И надолго замолчали оба.
5
Василию оставалось только одно — встать и уйти, ему неловко было смотреть на Таню, но, подумав, он задал мучивший его вопрос:
— Ну, а если бы… ты не любила его… ушла бы ко мне?
И снова он не понял ее взгляда, не сразу понял ответный вопрос:
— Только потому, что родила от тебя?
— Мало этого?
— Мало, Вася, — спокойно сказала Таня.
— Ну ладно, а полюбить меня… такого, смогла бы?
Таня отвела взгляд, пожала плечами:
— Ну, откуда я знаю.
— Да ты уж прямо говори, чего жалеешь. Я не слабак, переживу как-нибудь.
Таня с легкой, едва уловимой досадой сказала:
— Ты так спрашиваешь, как будто всегда и на все можно дать определенный ответ — да или нет.
— Ну, на это-то можно, — настаивал на своем Василий. — Смогла бы?
— Нет, наверно, — тихо ответила Таня, помолчав.
Такой ответ не мог быть неожиданным для Василия, но все же у него неприятно кольнуло где-то под сердцем.
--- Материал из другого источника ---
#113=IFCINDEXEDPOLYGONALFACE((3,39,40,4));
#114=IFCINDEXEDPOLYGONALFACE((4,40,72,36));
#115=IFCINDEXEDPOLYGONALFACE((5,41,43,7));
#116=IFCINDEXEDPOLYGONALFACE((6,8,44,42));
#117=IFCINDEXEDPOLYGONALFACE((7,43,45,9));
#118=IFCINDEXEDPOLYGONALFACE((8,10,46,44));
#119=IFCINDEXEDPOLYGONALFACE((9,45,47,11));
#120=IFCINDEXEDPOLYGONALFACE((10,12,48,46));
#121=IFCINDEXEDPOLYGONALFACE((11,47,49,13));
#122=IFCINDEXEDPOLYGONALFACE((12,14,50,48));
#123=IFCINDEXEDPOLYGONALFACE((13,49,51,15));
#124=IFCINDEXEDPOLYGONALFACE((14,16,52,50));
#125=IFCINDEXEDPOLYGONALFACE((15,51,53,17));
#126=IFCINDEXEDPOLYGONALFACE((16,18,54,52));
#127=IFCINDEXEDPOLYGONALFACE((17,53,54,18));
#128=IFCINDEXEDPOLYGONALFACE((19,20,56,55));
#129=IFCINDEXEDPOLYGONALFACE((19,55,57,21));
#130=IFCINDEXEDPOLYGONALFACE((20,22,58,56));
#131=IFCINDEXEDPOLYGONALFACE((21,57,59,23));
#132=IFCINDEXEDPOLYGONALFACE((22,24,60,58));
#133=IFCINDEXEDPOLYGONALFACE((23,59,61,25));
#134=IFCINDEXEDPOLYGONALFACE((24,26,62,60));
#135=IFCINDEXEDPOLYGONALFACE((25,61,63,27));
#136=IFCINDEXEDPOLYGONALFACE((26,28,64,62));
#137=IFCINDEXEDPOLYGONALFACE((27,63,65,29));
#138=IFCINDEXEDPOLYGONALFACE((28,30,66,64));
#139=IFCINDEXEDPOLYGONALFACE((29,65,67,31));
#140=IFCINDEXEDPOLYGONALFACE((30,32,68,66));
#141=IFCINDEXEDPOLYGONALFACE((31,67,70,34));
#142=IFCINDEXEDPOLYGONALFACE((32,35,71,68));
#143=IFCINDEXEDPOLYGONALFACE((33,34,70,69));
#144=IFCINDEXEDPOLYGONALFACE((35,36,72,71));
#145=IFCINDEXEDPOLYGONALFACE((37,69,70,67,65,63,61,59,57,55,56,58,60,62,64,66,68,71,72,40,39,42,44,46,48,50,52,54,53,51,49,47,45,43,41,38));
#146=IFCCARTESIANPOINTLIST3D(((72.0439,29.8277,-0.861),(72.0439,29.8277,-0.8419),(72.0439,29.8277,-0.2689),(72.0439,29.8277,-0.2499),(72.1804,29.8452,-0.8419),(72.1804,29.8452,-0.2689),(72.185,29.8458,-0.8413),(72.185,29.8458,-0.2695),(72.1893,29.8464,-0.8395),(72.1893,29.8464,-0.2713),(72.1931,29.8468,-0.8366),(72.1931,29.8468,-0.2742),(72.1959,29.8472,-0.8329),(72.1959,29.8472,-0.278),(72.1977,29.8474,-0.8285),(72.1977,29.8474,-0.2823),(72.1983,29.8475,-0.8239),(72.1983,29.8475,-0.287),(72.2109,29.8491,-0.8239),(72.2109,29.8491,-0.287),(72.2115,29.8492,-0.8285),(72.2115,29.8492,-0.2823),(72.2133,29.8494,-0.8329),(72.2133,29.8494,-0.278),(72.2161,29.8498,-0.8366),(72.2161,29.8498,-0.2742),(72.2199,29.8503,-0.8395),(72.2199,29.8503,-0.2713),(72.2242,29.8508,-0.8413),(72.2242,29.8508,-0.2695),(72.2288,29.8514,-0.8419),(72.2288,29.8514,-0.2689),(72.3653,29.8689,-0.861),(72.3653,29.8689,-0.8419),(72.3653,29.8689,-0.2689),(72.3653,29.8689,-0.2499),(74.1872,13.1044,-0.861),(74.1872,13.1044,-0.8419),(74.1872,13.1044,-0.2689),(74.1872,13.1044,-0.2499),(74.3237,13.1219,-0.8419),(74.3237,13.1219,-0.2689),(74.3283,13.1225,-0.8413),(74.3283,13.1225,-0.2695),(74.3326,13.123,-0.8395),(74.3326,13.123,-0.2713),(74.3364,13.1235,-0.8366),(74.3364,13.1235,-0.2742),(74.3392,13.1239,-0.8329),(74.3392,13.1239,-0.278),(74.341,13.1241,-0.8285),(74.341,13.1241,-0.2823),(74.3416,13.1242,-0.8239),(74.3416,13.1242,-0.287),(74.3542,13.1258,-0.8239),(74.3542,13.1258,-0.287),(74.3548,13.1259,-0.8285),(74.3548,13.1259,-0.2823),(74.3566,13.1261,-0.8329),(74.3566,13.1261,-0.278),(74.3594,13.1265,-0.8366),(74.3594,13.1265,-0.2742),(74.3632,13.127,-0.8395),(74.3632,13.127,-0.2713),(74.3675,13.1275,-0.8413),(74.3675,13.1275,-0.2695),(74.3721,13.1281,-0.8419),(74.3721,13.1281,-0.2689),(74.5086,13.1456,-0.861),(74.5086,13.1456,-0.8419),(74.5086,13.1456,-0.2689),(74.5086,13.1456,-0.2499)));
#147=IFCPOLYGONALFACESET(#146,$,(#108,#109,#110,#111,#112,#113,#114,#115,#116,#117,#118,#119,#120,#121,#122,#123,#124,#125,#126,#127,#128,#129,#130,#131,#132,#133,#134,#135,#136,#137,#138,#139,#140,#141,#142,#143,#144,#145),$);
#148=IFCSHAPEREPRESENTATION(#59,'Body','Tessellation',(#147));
— Это почему же? — стараясь быть спокойным, спросил он. — Давай, выкладывай, крой правду-матку.
— А ты сам-то… разве иначе думаешь?
— Ну, как я думаю — это дело десятое. Говори, как ты думаешь.
— А много ли у нас общего-то, Вася? — каким-то мягким, просительным тоном сказала Таня. — Что в постели хорошо нам было — и только?
— Вон как… — протянул Василий. — Ну, спасибо хоть и на этом.
— Сам просишь правду сказать — и тут же обижаешься.
— Да не обижаюсь я, говори дальше.
И Таня, поправив прическу, решительно заговорила:
— Скажу, Вася, может, хоть чуть-чуть и на пользу тебе это будет… Дело не в том, что у меня высшее образование, а ты и десятилетки не окончил. То есть не только в этом, — поправилась она. — Тогда — я уже говорила — мне было очень интересно с тобой, но ведь только потому, что я не имела никакого представления о той жизни, которой живешь. А потом? Знаешь, Вася, иногда мне просто обидно было, что ты — такой большой, сильный человек, а растрачиваешь себя на пустяки, живешь, как мотылек…
— Как мотылек? — неприятно удивился Василий. — Это как же понять?